The AVX512 runs (both times I ran it, i.e. with and without HyperThreading), resulted in thermal throttling with about a 23-24 C ambient at the time.
For the AMD system, testing it was a lot simpler because it was either only SMT on or off.
Results:
The results speak for themselves.
The AMD Ryzen 9 5950X with SMT enabled produces the highest hash rate (3953.64 hashes/second). Compare that with the run where SMT was disabled, enabling SMT results in about a 10.3% increase in the hash rate performance result.
The Intel Core i9-12900K results are an interesting case. Despite the plethora of benchmarks talking about how great and how fast the latest and greatest from Intel is (and there ARE some things that said latest and greatest from Intel are great at), unfortunately, for Raptoreum mining, this is not one of them.
At best, the 5950X with SMT enabled compared to the 12900K with all 16 cores AND HyperThreading enabled puts the 5950X at about 80.9% faster in Raptoreum hash rate performance vs. the 12900K.
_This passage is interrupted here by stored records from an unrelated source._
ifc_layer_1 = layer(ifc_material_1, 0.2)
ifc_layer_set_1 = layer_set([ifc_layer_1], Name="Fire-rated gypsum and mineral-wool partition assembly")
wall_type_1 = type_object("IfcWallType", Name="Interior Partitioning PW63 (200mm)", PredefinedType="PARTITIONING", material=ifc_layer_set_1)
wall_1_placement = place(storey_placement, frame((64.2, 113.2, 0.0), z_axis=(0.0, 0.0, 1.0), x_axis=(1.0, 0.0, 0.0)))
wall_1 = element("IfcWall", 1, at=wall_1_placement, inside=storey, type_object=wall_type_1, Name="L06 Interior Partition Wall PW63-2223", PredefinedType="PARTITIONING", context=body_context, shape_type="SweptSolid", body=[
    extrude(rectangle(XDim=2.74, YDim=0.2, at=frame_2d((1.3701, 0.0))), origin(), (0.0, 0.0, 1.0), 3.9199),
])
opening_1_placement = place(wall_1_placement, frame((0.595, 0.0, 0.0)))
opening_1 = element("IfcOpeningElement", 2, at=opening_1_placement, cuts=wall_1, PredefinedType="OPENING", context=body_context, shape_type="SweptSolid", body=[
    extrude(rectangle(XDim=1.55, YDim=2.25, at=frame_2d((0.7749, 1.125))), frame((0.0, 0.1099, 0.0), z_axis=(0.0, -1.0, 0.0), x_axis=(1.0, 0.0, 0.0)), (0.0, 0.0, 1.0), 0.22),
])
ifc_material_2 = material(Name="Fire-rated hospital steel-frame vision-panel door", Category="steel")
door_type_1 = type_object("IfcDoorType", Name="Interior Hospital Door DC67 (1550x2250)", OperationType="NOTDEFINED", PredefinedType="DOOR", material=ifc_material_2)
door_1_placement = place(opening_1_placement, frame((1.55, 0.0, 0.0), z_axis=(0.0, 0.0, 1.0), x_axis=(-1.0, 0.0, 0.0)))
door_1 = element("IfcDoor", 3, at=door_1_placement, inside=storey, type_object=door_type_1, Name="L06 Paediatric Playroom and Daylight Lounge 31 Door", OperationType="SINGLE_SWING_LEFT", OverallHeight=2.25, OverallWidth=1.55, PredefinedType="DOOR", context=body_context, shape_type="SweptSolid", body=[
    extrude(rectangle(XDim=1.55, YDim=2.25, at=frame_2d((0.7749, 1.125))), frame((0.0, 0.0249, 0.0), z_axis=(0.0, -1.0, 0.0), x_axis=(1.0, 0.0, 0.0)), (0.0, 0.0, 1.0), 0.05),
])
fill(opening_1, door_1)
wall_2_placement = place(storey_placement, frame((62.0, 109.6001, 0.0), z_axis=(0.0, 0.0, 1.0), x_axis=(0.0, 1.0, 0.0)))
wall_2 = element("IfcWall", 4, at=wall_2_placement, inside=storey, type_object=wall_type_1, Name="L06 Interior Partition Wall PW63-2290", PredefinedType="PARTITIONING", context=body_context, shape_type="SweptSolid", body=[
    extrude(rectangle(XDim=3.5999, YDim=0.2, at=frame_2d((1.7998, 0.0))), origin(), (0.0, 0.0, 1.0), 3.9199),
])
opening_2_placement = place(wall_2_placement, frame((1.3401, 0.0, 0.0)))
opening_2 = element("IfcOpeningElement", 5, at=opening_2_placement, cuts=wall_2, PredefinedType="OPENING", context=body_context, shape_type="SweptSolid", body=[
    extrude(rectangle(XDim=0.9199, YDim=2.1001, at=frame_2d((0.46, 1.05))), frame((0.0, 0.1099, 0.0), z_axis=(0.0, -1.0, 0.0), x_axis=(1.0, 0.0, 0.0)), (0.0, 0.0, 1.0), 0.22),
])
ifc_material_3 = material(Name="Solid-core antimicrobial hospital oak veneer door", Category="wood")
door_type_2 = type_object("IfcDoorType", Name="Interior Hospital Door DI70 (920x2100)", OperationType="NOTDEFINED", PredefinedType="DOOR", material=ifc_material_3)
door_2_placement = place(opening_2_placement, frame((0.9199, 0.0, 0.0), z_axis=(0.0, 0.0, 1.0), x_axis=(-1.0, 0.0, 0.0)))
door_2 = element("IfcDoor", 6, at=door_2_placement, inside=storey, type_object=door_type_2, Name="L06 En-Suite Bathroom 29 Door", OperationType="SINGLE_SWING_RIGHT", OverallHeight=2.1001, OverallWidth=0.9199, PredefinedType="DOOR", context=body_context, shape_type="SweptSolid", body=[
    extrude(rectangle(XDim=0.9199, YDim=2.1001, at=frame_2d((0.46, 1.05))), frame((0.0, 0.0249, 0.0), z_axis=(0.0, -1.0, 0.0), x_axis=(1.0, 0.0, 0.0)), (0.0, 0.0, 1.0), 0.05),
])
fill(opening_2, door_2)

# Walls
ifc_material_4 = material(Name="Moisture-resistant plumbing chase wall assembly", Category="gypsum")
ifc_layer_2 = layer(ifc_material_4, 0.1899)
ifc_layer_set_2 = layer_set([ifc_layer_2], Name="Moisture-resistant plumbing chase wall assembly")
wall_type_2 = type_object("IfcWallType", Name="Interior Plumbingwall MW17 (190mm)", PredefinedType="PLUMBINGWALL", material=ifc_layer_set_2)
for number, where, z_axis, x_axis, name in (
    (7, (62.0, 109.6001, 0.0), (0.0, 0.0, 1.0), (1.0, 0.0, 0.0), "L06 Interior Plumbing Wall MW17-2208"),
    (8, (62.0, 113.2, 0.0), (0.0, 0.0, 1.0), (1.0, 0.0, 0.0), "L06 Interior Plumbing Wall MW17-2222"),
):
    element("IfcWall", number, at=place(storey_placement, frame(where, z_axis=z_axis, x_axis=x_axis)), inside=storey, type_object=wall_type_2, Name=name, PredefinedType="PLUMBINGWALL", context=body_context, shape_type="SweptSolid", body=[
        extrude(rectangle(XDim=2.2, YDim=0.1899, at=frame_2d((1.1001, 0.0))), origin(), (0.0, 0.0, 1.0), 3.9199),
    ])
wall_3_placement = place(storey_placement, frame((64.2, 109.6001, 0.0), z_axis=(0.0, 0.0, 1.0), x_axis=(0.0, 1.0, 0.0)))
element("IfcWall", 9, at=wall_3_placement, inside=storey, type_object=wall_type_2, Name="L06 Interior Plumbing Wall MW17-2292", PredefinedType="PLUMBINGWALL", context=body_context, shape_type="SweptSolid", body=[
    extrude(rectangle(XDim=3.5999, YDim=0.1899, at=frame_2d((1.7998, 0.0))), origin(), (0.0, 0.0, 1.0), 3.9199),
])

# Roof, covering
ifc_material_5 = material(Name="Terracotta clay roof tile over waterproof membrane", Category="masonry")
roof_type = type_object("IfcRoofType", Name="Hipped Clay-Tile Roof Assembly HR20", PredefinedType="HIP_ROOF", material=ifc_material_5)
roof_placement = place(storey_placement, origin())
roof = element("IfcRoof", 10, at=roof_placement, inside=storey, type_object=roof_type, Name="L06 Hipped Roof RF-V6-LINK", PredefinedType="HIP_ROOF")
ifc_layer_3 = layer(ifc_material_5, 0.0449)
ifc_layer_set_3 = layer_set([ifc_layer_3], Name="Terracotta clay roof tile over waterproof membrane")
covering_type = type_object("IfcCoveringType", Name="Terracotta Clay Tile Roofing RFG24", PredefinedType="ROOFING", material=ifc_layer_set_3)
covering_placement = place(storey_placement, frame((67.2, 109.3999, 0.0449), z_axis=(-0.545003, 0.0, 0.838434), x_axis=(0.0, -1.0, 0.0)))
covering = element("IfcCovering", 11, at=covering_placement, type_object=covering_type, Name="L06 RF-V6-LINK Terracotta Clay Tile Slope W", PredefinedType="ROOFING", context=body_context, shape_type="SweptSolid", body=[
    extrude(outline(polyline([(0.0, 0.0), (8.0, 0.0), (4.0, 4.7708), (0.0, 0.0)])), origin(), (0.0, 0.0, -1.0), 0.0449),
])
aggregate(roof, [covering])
Comparing like-for-like thread count, whether it is 8P+8E without HyperThreading, the 16 core/16 thread of the 5950X is still approximately 64.2% faster than the 12900K. Without the efficiency cores, but turning HyperThreading back on (i.e. 8P+0E with HyperThreading), the 12900K again is bested by the 5950X by a 71.8% margin.
Unfortunately, running this in Linux meant that I didn't have or didn't know of a tool like Hardware Info 64 to be able to report power consumption figures/values. Maybe I might get around to re-running this test again in Windows, but for now, this might be helpful to those who might be interested in looking for guidance if mining Raptoreum is on your mind.